Deflation und Gold als Zahlungsmittel

 

Heftige Deflation bei gleichzeitiger Mangelteuerung

Wie schon in Osteuropa wird es nun auch im Konflikt im nahen Osten Routine, Energieinfrastruktur anzugreifen und dies mit dem Ziel, über ökonomische Zerstörung Kriegsziele zu erreichen.

US- Präsident Trump beobachtet den Aktienmarkt aufmerksam. Nur wenige Minuten nachdem der Aktienmarkt seinen Tiefststand erreicht hatte, verlängerte er die Frist für die Bombardierung der iranischen Energieinfrastruktur bis zum 6. April. Nach Börsenschluss erholte sich der Markt zunächst, doch dann folgte ein Rückschlag aus China.

 

Gezielte Energiezerstörung

 

Situation weiter brandgefährlich in jeder Hinsicht

Wie schon in Osteuropa wird es nun auch im Konflikt im nahen Osten Routine, Energieinfrastruktur anzugreifen und dies mit dem Ziel, über ökonomische Zerstörung Kriegsziele zu erreichen.

Exakt als der S&P 500 die kritische Marke von 6600 USD nach unten durchbrach, sagte Israels Ministerpräsident Netanyahu, dass Israel den USA helfen werde, die Straße von Hormus zu öffnen, und der Krieg werde „viel schneller enden, als die Leute denken.“

Ministerpräsident Netanyahu deckte auch Präsident Trump, indem er sagte, dass Israel allein gehandelt habe, als es Irans South Pars angriff. 

Den Spekulanten hat es gefallen, professionelle Investoren zogen aber beim Nachkauf nicht mit.

Auch wenn die Behauptung von Ministerpräsident Netanyahu, dass Iran keine ballistischen Raketen mehr herstellen kann, wahr ist, hatte Iran genügend vorhandene ballistische Raketen, die es weiterhin nutzen konnte, um zu feuern. 

Interrupt setzt sich fort

" ... die Straße von Hormus bleibe geschlossen."

Als der Iran seine Bedingungen für ein Kriegsende darlegte, schnellte der Ölpreis in die Höhe.

Warum sollte die Diskussion um Frieden den Ölpreis in die Höhe treiben?
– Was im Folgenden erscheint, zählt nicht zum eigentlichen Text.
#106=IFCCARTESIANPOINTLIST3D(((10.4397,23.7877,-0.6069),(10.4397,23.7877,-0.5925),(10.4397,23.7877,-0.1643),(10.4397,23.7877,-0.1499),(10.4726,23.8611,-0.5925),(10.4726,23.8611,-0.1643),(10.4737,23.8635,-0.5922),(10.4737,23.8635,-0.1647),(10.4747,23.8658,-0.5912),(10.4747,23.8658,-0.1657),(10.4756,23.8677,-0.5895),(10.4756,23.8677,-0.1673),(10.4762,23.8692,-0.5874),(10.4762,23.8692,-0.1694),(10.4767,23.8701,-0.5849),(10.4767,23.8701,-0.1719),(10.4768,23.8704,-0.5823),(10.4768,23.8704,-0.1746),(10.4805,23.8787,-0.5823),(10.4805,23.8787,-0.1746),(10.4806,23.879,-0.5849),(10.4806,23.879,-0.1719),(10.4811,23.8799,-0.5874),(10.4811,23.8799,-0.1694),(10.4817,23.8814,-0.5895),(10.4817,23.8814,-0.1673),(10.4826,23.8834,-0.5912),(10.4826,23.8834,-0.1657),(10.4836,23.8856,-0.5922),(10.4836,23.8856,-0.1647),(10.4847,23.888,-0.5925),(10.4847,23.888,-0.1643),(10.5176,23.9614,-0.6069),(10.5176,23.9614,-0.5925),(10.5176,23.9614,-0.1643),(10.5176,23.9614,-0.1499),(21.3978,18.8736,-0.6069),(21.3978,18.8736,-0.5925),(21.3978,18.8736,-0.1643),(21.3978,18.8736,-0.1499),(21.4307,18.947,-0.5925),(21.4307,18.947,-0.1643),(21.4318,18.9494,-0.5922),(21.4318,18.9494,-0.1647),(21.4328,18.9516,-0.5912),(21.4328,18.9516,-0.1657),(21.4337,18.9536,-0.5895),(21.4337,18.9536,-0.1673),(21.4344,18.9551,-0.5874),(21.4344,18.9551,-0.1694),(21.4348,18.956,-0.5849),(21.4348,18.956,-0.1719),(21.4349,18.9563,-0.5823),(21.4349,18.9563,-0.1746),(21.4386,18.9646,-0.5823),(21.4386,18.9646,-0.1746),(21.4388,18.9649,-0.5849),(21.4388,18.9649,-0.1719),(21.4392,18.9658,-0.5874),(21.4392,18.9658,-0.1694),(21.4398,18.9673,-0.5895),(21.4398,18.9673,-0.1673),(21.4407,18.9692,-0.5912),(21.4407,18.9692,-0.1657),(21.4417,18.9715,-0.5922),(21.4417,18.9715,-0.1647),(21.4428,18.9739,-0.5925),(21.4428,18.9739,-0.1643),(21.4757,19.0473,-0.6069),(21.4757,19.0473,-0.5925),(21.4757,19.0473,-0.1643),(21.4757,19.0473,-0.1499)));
Der Grund ist, dass der Iran Präsident Trump lediglich provozieren will. Es ist absolut ausgeschlossen, dass Präsident Trump auch nur eine der iranischen Bedingungen akzeptieren wird. Hier sind die drei Bedingungen des Irans aus einem Beitrag des iranischen Präsidenten:

  • „Anerkennung der legitimen Rechte des Irans“
  • „Zahlung von Reparationen“
  • „Feste internationale Garantien gegen zukünftige Aggressionen“

Der Iran eskalierte die Situation, indem er ein Schiff in irakischen Gewässern angriff. Der Iran behauptet, das Schiff gehöre den USA. Angriffe auf Schiffe stellen einen Strategiewechsel des Irans dar.

 

Interrupt deeper

 

Geldumlaufgeschwindigkeit sinkt

Der US- Produzentenpreisindex – der „Mangelindex“ PPI steht mit 0,5% vs. 0,3% Erwartung extrem hoch und seine Kernkomponente mit 0,8% noch höher. Der US- Arbeitsmarktbericht gilt aufgrund seiner Bedeutung als der wichtigste aller Berichte.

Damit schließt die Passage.